Usually the calves are so excited to drink their milk they practically go insane loco.   I’ve seen them get so wound up they butt their heads against the gate and break it open and run out.  Then I get to run after them, tackle them, and drag them back to captivity, which is always great fun.

I saw one the other day so eagerly drinking he wasn’t paying attention to what his back end was doing, and that portion of his extremities ended up getting stuck in the poles on the side of his cage (how he managed this I’ll never know, and most likely, neither will he).  The calf ended up spread out long-ways with his head stuck in the milk bucket hanger and his back legs stuck outside the cage.  It was so funny I couldn’t stop laughing.  Finally I climbed in and helped him get un-entangled (which he was very thankful for and thanked me profusely, yet I still gave him a stern lecture on the risks of drinking while driving his back end).
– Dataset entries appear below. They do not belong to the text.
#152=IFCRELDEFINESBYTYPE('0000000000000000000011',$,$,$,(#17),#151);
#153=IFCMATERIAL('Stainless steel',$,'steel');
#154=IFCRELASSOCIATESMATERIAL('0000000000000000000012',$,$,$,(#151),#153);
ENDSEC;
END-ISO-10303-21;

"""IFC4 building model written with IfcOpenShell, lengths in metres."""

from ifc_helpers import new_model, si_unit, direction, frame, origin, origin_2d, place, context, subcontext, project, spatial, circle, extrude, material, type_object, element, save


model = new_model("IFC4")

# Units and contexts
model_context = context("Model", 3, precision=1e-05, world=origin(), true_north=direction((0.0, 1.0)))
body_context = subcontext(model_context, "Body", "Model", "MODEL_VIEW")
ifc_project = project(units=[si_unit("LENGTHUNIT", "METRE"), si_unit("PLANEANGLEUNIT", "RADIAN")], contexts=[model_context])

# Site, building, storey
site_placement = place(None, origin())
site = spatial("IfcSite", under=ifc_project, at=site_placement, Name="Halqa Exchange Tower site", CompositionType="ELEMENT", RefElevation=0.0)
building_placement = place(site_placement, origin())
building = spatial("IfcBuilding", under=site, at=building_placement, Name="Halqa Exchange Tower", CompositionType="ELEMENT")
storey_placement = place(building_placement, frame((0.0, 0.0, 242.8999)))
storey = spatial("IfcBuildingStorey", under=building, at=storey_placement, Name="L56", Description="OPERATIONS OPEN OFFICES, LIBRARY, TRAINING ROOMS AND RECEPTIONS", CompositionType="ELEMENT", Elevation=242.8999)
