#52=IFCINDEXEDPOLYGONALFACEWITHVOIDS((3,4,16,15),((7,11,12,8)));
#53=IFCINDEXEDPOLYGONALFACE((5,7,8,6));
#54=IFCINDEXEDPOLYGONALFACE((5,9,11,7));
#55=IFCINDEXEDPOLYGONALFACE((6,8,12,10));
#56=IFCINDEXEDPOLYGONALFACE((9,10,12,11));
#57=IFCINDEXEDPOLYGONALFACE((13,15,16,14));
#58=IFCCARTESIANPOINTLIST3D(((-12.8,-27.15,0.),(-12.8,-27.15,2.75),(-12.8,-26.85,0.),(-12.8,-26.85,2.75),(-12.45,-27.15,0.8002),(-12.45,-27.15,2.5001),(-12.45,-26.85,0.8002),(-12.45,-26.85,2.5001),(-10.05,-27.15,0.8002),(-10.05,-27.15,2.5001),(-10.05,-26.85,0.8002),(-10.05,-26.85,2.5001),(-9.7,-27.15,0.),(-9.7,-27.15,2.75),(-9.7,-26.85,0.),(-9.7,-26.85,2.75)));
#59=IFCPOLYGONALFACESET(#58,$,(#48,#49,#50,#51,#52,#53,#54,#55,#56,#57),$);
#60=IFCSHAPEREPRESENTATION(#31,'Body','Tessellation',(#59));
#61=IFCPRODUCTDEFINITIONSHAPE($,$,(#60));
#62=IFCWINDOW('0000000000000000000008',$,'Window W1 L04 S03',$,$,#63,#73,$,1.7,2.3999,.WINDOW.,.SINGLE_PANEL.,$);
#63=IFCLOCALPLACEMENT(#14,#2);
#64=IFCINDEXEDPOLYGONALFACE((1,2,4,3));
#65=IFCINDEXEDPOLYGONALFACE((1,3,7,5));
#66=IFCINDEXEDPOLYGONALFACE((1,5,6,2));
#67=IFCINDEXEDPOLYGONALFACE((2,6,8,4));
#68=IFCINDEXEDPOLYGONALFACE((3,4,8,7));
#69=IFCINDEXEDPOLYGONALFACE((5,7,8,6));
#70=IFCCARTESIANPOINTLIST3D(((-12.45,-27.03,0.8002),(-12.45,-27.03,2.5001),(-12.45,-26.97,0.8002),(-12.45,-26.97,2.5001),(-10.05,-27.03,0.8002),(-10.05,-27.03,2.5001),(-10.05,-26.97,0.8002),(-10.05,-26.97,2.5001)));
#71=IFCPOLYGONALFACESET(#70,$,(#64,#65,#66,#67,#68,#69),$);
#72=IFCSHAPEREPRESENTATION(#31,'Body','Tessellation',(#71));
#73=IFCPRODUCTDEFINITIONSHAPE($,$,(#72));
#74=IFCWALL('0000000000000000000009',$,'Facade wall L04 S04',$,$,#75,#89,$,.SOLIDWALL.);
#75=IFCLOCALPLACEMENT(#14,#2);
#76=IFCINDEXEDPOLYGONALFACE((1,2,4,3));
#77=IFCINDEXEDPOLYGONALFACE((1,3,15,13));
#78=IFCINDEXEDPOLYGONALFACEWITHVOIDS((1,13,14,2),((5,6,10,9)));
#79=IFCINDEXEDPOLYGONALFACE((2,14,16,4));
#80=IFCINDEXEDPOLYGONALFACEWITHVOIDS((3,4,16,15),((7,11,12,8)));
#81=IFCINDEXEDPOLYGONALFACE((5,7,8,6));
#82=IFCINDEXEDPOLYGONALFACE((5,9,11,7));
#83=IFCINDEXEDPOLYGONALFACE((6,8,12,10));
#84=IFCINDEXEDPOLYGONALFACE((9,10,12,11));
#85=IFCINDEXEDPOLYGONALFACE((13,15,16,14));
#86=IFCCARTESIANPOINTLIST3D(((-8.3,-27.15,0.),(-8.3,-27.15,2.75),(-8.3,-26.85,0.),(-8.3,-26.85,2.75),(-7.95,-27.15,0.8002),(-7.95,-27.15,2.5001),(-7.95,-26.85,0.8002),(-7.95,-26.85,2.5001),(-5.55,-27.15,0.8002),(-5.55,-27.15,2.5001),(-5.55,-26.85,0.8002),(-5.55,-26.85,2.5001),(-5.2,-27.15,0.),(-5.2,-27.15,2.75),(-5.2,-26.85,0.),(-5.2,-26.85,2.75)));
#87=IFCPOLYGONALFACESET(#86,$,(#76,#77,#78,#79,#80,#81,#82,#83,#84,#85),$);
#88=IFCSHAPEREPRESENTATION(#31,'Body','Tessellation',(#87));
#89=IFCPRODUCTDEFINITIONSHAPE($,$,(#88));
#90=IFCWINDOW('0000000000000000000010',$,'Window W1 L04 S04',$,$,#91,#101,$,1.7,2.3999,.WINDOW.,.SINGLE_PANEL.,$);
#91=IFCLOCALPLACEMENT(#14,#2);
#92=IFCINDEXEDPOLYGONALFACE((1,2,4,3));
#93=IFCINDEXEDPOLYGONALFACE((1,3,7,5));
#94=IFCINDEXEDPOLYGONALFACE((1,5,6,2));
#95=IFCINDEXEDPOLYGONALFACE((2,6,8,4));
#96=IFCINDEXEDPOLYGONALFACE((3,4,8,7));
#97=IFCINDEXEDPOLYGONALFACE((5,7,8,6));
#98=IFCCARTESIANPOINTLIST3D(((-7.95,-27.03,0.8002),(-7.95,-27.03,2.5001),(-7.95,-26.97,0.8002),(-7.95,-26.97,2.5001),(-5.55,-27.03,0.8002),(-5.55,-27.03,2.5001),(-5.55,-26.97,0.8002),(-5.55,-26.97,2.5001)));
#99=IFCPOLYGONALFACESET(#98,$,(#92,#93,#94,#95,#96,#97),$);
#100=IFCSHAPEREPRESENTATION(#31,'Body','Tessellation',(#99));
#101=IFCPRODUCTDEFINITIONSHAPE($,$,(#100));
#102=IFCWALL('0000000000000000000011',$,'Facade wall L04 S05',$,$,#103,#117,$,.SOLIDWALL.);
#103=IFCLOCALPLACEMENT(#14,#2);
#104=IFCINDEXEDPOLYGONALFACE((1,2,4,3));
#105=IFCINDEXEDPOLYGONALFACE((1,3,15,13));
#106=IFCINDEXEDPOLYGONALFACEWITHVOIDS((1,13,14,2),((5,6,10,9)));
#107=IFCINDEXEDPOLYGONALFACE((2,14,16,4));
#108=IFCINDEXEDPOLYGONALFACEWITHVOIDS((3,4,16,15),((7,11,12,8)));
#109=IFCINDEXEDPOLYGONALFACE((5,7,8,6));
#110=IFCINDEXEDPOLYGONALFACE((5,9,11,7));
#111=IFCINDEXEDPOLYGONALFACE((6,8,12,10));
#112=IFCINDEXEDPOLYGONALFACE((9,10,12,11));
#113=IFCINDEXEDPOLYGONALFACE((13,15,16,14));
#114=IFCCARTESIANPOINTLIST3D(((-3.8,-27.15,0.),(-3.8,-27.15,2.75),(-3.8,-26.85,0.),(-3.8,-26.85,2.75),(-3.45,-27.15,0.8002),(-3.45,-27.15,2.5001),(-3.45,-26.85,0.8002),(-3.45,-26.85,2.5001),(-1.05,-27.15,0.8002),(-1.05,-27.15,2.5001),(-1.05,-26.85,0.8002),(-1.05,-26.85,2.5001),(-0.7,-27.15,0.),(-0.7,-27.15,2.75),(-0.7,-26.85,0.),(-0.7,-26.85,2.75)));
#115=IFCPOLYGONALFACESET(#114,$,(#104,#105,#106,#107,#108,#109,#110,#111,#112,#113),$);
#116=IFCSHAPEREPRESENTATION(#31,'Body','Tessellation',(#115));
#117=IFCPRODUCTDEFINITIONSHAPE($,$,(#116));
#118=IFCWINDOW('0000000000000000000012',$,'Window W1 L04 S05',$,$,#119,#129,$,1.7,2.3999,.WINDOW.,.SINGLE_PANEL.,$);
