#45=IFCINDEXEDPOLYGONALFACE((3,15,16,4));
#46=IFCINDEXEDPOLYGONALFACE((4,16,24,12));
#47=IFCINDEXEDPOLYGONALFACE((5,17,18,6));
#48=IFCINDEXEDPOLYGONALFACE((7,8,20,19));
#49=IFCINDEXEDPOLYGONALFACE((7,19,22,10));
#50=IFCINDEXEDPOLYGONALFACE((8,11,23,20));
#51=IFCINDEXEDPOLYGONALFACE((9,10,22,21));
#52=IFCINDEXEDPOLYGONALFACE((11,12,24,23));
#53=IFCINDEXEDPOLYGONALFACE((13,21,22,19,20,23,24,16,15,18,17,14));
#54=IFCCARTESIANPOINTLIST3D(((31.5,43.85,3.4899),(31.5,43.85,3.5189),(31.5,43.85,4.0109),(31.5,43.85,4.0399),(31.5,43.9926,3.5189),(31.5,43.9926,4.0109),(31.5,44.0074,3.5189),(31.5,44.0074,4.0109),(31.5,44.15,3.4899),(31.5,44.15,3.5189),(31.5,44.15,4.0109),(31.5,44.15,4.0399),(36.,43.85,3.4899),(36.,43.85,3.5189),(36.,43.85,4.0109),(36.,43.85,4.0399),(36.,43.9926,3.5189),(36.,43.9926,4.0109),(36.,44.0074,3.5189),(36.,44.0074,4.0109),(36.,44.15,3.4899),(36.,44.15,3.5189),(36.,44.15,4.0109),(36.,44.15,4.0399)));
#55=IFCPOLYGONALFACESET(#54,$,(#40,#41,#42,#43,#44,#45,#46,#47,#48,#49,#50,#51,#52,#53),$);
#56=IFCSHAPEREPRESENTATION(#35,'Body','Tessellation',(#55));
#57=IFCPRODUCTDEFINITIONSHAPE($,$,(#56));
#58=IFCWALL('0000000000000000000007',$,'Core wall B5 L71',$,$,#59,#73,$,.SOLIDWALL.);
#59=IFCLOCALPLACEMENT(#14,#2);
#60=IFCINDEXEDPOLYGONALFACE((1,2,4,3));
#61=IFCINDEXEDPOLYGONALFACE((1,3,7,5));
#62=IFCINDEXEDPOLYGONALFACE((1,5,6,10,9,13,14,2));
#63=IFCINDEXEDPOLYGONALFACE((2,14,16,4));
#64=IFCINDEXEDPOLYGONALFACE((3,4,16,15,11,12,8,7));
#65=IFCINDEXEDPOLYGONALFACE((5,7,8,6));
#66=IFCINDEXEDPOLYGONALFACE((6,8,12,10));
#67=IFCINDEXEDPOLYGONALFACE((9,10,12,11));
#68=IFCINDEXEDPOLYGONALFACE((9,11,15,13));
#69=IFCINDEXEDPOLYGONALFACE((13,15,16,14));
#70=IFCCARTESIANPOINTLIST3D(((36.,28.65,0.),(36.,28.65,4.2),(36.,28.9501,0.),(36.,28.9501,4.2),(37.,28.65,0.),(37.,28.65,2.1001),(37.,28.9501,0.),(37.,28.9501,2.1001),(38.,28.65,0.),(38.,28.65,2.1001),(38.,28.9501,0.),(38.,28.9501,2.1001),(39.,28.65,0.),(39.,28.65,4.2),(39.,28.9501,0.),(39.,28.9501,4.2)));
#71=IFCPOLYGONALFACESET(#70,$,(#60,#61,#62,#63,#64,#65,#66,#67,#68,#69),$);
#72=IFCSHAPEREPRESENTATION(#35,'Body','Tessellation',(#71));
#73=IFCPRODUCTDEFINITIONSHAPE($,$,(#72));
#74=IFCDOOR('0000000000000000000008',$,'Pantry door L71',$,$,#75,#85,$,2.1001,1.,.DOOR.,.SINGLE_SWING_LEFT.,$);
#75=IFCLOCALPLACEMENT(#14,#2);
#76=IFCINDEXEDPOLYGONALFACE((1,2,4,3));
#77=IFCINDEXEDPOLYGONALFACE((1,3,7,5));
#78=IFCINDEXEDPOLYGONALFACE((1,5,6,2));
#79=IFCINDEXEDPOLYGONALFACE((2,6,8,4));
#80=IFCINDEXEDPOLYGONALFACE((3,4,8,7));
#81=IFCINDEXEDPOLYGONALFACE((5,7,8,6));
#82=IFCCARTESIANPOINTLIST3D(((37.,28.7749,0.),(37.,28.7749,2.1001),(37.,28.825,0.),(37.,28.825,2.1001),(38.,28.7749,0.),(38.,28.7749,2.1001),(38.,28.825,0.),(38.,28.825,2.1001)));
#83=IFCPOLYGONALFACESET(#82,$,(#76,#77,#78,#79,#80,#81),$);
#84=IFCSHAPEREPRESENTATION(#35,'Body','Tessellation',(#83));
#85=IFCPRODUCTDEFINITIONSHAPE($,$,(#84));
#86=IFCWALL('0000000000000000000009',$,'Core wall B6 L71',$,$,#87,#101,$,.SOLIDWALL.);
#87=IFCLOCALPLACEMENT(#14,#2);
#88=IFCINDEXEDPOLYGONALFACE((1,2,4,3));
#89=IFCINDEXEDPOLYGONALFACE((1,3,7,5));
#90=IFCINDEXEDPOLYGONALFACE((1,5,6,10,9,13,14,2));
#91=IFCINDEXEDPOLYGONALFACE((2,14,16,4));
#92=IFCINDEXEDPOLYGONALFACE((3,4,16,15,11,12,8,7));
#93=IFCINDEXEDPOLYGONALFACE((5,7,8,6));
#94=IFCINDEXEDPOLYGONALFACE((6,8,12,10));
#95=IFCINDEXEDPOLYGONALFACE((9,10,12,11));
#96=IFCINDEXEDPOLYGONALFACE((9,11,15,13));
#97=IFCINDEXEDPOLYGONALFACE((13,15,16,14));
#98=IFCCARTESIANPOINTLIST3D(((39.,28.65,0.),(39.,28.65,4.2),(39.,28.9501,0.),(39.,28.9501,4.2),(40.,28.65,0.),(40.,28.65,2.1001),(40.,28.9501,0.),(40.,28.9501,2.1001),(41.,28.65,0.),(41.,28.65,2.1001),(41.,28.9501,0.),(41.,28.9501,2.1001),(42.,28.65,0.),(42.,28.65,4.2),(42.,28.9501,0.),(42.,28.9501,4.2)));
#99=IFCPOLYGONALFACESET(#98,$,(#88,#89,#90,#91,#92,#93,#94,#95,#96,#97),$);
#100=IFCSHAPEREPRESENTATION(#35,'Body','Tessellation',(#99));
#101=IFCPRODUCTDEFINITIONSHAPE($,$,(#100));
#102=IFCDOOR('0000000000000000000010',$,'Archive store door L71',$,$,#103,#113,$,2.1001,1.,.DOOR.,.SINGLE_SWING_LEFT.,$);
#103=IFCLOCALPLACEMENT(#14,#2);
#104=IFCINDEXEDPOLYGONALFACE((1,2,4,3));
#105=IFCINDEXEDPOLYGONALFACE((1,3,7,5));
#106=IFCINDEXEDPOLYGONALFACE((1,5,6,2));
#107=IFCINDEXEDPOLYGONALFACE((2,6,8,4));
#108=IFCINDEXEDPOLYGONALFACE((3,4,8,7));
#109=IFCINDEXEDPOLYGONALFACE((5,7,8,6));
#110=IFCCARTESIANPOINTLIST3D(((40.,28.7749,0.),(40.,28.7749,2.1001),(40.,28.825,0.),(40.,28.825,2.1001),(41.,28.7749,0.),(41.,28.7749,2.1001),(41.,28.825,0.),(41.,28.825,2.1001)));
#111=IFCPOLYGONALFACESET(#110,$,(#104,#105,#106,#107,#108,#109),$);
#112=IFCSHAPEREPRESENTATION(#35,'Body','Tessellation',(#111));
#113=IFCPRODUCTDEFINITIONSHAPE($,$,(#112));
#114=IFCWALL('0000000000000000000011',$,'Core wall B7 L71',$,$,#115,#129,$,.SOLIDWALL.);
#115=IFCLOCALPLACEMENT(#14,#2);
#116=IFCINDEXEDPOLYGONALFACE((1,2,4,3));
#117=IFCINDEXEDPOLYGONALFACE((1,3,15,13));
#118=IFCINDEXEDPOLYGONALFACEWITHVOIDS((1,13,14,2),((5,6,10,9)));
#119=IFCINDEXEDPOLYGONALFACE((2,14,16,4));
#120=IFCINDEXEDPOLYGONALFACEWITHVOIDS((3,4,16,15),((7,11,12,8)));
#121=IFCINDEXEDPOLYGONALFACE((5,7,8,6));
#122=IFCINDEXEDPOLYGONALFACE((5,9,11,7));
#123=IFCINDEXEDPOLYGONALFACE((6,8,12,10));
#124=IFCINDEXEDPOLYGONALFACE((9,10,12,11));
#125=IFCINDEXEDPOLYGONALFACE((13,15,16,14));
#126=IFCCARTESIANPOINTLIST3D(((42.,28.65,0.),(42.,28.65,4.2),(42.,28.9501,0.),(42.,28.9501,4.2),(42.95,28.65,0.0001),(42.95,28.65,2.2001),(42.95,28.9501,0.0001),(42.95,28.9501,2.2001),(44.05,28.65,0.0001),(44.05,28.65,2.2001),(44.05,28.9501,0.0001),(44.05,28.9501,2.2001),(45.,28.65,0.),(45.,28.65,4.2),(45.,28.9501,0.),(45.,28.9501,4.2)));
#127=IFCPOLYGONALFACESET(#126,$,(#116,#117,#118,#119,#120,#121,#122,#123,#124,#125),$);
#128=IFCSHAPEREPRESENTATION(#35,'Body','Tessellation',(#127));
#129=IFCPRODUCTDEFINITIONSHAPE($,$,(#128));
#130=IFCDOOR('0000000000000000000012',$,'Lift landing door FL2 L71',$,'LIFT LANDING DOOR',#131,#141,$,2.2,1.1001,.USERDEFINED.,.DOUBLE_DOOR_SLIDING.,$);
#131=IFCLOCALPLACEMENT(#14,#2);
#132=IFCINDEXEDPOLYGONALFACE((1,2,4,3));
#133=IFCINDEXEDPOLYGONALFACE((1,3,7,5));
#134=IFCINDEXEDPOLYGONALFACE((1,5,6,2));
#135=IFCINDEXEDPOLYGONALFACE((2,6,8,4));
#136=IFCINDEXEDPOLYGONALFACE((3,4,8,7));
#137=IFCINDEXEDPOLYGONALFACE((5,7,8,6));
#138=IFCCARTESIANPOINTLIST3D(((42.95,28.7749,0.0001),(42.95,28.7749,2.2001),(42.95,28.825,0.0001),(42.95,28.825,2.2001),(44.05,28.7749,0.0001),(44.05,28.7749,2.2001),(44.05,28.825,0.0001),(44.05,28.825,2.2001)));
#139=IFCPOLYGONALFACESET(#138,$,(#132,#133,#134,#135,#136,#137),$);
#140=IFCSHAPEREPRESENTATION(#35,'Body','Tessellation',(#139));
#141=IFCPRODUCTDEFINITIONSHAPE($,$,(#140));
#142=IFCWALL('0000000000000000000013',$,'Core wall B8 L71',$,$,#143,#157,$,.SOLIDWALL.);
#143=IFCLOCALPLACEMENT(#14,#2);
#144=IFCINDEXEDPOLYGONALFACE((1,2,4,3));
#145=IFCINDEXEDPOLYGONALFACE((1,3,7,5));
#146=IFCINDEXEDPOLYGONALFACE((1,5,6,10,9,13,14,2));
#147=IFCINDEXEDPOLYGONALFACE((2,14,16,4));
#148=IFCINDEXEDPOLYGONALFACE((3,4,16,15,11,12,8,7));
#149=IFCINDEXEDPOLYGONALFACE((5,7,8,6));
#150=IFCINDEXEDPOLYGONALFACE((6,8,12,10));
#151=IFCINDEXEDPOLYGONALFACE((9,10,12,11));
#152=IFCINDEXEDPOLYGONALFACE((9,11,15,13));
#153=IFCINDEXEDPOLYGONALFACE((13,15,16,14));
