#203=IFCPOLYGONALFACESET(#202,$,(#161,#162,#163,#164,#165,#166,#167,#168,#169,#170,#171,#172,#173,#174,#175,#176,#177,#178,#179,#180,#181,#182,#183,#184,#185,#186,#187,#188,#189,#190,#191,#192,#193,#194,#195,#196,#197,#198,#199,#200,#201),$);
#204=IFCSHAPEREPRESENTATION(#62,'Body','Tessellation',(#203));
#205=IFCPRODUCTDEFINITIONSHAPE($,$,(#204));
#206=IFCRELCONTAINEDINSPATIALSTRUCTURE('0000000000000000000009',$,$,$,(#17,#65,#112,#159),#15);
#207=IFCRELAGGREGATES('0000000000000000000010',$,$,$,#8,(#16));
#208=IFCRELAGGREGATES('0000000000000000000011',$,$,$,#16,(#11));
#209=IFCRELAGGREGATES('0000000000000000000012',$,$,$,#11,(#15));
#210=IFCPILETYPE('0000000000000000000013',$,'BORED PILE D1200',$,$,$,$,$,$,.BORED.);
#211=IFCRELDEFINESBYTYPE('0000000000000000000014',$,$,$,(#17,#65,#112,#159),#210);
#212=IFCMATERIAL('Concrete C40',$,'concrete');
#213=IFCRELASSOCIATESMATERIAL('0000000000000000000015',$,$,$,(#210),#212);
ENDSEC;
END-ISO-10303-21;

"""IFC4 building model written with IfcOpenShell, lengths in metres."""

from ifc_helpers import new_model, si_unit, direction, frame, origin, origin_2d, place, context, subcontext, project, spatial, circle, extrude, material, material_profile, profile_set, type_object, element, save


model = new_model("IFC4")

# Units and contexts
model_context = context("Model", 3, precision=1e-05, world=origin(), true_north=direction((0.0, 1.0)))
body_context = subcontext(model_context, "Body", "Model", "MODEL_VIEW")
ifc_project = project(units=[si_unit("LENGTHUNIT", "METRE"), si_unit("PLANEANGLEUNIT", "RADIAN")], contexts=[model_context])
When they get down to the last few drops of milk, they often lift their heads into the air (with the bucket on their snout) and walk around like that, hoping the final slurry will drain down their gullet.  This always ends up with them tossing their bucket into the mud (for me to clean up after later).

Speaking of cleaning up, I’ll say I’m mightily surprised at how routinely the calves poop in their food bucket (seems like that’s the wrong end of their body to be putting in the food bucket).  I would think this act is hardly necessary: Their food may be bland, but that spice can hardly help, I wouldn’t think.  As their hovering “mother,” I try telling them the food has enough salt in it already, yet they don’t listen, sneaking more poop in when I’m not watching.

I read in my cow book that cows have a keen sense of smell.  The book said they are exceedingly picky over their food, especially what it smells like.  But after seeing them indiscriminately poop in their food dish, I think that book must have been written by an enterprising Hindu.

Another thing they do, (cows, not Hindus) which can be infuriating is stepping into their water bucket.  Why…. oh Why?  I’ll be standing there filling up their bucket with a water hose of sweet-nectar-crystal-clear-spring-water coming straight from the bubbling fountains of the deep when they take a fancy to my muddy pants and step forward for a closer look (a closer lick is more like it) and in the process place a cloved hoof in their agua bucket – instantly turning it coal black.

My cow book says cows have a great memory.  I’ve observed their memory to be off by about 1/2 a second.  Behold, each morning when I give them their milk ration, they always put their head down into their “bucket hanger” right before I get the bucket lowered into their cage.  This results in them getting bopped on the head with their milk bucket (this I do with glee, admittedly), yet they never learn. 

So that’s all for now.  At least they’re cute, if nothing else.

6 Responses to “A Treatise on Baby Calves and their Tendencies”

  1. Amanda Says:

    :) Ha ha ha!! That makes for a great story!! **sigh of release** Thanks for sharing; I needed to laugh. (Was a very busy/demanding day at work.)

    Yes, that is a cute calf!! And I’m thinking you might have a career in a rodeo when you get back. lol 😉

  2. Kid Says:

    Oh yes, the brilliancy of baby animals. Did you know that a two day old calf can run through barbed wire? (yes, I speak from experience here) At least your baby cows knock down the gate before they charge through it. That shows some intelligence doesn’t it?

  3. Seth Says:

    This story left a lot of unanswered question…

    Do kittens really become mangy bulls?
    Do insane calves grow up to be mad cows?
    When the calves knock over their pails, do you ever weep over the splattered lactate fluid? (you really shouldn’t)

  4. Amanda Says:

    Seth: I’d have to say yes, cute little kittens grow to be “mangy bulls”… in attitude at least. I’ve only met a handful of cats that qualify as an exception to that rule.
    That’s my (humble) opinion, though, many of my friends disagree with me. :)
    (cat’s aren’t my “favorite”, if you couldn’t tell)

  5. Danny Says:

    Hey Nick! Enjoyed the commentary. Read it aloud to the family.